One of the reasons I'm never going to sell my mk1.


----------



## David (Apr 6, 2006)

my ibiza GTi, not that "old" but i still miss it loads, spent loads of time on it, just when i was getting into detialing so each panel had something different on it and i had done 90% of a full interior facelift fit out in it.

new owner still has it and looks after it i'm told


----------



## MerlinGTI (Nov 4, 2009)

love the Golf :thumb:


----------



## MoggyTech (Feb 28, 2009)

Always regretted getting rid of my Mark Three Cortina.


----------



## empsburna (Apr 5, 2006)

mick1985 said:


> yeah, i feel that way about my old rover coupe,


I don't miss mine much - well, saying that, there is often times where I fancy a nice early morning blat with the roof out.


----------



## BigLeeM (Jan 24, 2010)

I miss my old Mk2 with a 2.9vr in it,recaro's,BBS RM's and loads of other stuff plus it upset Subaru's. Lol. I spent a lot of money on this having the recaros refurbed and the wheels and having paint work done,ect........


----------



## Prism Detailing (Jun 8, 2006)

Before i always wants a Rover 220 Turbo coupe "FDH" plate, lovely examples 

Mine was my old Rover 214 Cabriolet, i love that carm nothing special not fast, but really enjoyable and lot of good memories


----------



## Danno1975 (Mar 30, 2009)

All of them 

Heres the ones with piccys

*1998 Puma*

















1999 323i MTech Coupe (last of the E36) (Dogs identity is being protected 

















2001 330 MSport (amazing)


----------



## Cullers (Sep 29, 2009)

Mitsubishi GTO Twin Turbo import. Absolutely amazing car. Turbo upgrade, £2000 wheels, custom big bore exhaust, poly bushes, big brake conversion plus tons more. 

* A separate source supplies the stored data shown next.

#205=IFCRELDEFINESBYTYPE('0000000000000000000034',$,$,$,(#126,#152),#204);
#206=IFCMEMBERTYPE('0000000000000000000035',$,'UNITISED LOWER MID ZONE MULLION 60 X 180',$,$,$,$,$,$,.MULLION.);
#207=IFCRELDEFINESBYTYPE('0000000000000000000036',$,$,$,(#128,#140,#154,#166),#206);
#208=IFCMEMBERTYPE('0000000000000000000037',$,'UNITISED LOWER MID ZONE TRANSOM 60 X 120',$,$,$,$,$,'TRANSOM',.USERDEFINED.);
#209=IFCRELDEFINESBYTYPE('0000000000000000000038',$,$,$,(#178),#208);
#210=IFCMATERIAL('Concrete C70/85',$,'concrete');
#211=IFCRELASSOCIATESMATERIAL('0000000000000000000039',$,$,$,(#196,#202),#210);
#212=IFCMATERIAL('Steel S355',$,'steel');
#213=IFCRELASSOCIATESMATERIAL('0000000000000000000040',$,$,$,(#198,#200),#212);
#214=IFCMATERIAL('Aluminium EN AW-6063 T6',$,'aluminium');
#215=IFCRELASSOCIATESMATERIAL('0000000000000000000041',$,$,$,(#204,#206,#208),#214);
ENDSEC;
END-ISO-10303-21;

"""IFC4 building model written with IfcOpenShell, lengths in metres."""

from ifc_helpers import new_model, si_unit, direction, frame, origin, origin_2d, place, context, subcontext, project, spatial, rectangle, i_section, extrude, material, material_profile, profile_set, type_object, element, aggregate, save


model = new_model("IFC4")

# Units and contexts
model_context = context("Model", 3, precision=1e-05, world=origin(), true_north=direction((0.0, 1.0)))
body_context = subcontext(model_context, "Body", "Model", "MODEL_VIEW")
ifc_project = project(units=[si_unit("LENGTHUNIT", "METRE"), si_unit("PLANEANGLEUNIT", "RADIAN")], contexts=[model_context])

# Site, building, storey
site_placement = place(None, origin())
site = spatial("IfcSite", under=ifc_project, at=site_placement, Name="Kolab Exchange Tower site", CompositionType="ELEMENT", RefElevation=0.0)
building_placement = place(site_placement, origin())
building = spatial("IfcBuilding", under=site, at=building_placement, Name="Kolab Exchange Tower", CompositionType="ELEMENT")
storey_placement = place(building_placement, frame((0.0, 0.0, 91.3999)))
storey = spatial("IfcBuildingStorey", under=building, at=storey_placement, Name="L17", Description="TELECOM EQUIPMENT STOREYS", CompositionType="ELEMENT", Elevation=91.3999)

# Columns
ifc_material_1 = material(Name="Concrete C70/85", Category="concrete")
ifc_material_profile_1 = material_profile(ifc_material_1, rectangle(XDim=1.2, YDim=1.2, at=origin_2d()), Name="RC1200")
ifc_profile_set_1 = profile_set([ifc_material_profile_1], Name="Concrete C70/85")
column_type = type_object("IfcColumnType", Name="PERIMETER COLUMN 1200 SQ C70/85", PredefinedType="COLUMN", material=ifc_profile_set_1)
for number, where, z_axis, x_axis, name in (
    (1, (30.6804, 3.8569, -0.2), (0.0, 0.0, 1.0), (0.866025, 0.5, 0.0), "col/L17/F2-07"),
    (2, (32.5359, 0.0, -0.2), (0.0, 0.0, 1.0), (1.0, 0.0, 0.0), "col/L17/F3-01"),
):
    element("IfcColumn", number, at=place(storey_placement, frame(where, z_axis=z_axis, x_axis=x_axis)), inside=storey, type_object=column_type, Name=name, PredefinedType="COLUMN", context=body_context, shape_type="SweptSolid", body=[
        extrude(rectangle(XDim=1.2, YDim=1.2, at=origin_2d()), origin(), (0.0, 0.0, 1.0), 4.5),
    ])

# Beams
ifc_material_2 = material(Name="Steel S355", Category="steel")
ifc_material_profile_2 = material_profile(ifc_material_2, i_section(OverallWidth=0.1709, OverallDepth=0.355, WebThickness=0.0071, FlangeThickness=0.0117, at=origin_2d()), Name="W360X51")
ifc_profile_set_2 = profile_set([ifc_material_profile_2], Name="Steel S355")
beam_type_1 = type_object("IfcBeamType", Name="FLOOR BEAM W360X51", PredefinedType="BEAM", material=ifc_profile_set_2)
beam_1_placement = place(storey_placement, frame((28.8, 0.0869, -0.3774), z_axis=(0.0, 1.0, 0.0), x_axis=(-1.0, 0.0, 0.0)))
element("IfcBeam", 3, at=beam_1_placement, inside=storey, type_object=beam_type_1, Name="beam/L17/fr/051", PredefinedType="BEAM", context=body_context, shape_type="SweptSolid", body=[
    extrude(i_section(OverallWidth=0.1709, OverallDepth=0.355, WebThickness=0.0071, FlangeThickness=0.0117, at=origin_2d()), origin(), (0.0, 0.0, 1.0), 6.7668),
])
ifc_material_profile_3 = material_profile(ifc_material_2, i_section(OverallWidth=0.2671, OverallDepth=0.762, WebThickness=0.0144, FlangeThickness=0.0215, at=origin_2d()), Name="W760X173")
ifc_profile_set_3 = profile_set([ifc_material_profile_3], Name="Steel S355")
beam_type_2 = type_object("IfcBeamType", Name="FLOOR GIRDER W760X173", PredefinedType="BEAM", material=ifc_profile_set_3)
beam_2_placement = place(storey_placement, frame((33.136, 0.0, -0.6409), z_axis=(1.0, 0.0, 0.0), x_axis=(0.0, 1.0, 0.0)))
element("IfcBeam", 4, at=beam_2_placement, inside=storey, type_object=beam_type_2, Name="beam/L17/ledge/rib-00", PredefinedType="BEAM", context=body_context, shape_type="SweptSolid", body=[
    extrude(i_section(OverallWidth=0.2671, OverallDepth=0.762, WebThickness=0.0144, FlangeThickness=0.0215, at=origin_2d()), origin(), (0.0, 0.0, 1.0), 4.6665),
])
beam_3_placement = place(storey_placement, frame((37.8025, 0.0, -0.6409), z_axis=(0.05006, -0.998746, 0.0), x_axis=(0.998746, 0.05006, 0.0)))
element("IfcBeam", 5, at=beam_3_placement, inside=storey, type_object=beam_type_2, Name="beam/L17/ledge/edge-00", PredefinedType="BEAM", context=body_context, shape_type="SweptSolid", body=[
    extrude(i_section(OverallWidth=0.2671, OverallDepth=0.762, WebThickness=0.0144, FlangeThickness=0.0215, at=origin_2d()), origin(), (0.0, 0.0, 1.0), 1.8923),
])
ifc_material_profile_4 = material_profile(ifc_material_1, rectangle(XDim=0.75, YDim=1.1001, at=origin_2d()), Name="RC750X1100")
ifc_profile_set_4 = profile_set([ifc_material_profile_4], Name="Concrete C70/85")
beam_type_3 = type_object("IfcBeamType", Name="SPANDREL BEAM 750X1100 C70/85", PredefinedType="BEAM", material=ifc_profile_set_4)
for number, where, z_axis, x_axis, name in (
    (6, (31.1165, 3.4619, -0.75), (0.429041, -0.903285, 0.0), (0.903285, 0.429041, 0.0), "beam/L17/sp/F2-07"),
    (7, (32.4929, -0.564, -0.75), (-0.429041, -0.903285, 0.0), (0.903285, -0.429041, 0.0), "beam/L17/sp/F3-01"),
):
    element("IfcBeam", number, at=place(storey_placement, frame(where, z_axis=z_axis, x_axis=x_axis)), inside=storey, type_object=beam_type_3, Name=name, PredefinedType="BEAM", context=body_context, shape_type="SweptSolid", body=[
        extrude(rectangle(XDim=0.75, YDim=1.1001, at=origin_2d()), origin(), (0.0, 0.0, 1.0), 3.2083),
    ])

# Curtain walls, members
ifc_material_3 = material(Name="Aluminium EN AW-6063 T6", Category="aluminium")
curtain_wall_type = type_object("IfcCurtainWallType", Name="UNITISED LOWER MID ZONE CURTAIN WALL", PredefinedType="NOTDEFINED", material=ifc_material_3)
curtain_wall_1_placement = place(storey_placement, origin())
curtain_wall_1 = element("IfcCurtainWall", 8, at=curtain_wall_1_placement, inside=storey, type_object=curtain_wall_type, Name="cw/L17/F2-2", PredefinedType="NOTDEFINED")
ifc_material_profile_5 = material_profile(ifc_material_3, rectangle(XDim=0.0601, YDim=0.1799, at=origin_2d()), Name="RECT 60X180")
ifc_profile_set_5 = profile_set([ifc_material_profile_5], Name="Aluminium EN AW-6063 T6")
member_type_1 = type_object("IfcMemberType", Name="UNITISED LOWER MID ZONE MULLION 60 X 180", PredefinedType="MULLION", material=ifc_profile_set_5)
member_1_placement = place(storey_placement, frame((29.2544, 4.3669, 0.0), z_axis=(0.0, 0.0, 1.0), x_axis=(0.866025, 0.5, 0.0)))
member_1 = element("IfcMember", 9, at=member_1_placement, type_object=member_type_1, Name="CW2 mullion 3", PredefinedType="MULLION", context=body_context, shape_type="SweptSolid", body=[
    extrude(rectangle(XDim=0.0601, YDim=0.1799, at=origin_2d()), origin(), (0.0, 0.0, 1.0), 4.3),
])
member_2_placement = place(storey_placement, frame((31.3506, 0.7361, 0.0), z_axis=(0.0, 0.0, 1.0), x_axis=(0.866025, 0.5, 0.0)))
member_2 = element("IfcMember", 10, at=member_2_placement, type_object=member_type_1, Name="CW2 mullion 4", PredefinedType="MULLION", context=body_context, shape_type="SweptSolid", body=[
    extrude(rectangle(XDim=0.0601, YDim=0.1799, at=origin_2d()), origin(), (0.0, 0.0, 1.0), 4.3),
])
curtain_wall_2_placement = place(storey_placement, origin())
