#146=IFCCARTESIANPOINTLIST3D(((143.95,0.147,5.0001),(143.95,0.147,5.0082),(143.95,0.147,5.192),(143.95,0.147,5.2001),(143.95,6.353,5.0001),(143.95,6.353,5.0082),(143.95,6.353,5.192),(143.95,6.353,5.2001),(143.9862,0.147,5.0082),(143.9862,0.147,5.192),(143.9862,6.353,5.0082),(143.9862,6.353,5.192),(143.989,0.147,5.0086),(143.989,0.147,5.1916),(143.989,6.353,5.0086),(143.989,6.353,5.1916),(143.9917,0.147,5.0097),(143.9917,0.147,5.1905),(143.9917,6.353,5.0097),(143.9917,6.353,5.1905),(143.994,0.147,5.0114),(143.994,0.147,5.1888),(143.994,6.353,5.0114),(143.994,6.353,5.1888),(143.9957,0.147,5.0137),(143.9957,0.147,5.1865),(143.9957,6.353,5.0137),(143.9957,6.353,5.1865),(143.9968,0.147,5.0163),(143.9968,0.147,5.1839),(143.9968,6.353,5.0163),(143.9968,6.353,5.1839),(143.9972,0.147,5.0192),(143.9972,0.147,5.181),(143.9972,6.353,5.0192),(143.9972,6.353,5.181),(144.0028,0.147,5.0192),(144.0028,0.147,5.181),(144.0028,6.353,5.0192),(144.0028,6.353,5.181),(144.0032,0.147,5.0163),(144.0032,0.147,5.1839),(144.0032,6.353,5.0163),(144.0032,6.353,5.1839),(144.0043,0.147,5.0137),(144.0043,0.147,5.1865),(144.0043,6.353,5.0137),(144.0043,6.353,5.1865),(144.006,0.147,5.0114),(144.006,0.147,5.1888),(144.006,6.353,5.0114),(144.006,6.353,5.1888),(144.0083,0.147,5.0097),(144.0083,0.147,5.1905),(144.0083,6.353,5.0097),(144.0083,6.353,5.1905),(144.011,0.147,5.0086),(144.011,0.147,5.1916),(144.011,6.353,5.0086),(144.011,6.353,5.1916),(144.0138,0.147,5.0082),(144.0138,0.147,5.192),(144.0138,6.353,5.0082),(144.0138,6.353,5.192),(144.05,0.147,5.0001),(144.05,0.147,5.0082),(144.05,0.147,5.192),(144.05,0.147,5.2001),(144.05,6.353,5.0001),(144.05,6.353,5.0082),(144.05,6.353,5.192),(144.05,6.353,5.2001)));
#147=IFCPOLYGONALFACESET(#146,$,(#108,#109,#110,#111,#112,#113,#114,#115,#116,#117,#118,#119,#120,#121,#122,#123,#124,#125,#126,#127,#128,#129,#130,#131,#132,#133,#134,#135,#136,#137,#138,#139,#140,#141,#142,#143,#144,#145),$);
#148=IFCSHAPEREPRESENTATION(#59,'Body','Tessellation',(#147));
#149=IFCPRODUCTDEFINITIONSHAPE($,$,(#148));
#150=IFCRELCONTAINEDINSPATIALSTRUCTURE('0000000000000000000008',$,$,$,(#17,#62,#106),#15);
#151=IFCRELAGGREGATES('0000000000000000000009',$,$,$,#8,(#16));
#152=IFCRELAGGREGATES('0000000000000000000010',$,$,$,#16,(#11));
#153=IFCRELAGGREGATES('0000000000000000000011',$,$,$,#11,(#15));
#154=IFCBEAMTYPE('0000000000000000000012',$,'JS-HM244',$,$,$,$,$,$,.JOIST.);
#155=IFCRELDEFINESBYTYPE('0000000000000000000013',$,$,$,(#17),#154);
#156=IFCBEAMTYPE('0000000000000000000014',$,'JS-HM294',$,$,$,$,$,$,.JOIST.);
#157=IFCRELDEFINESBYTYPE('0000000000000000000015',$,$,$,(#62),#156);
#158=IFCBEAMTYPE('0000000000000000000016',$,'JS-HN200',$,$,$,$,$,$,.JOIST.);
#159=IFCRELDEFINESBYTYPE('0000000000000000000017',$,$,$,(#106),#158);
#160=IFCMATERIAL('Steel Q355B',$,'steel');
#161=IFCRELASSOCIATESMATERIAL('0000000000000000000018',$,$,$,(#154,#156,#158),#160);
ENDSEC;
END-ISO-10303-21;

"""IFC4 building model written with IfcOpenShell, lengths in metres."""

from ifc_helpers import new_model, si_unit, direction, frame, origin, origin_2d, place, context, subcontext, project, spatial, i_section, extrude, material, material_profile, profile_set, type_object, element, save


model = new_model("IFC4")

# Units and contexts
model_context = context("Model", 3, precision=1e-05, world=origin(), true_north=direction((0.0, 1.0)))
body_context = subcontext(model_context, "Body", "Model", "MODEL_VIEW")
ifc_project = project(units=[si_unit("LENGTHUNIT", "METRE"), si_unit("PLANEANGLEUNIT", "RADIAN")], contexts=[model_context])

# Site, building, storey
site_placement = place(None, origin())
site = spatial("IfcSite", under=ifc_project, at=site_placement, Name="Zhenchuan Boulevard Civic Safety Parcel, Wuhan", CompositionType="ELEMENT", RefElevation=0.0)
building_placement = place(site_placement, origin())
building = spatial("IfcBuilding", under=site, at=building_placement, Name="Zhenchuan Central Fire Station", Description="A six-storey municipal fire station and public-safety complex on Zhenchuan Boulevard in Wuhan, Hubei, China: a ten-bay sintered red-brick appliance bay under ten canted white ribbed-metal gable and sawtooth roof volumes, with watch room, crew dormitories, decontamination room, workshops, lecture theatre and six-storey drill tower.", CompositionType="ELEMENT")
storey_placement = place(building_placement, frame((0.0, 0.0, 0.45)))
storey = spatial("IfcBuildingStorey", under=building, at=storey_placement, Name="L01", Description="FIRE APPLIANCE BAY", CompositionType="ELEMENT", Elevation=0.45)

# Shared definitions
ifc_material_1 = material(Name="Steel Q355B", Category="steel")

Lexus Soarer V8 GT Unlimited Active (Uzz32). One of only about 6 in the UK and only 700 ever made. First production car with sat nav, touch screen controls, active suspension (computer controlled).


----------



## R32rob (Feb 26, 2008)

What was the 323 like dan? I'm going to look at one exactly like that tomorrow.


----------



## Ben_W (Feb 15, 2009)

Havent got any pictures to hand but ive 3 cars i wish id never sold

92 J plate 309 Goodwood Gti. Was a joke amongst all my mates about how it would never get stone chipped due to the amount of polish it had on it. I remember each panel getting about 10 coats of AG SRP as i had a week off when i got it and it looked awesome when id finished. This was WAY before i new about DW!!! Was about the time of the eclipse in 99/00 ish. i cherished that car like no other. Saw it on ebay 18 months back in a sorry state. Bodywork dinged up, wood pack had been swiped etc......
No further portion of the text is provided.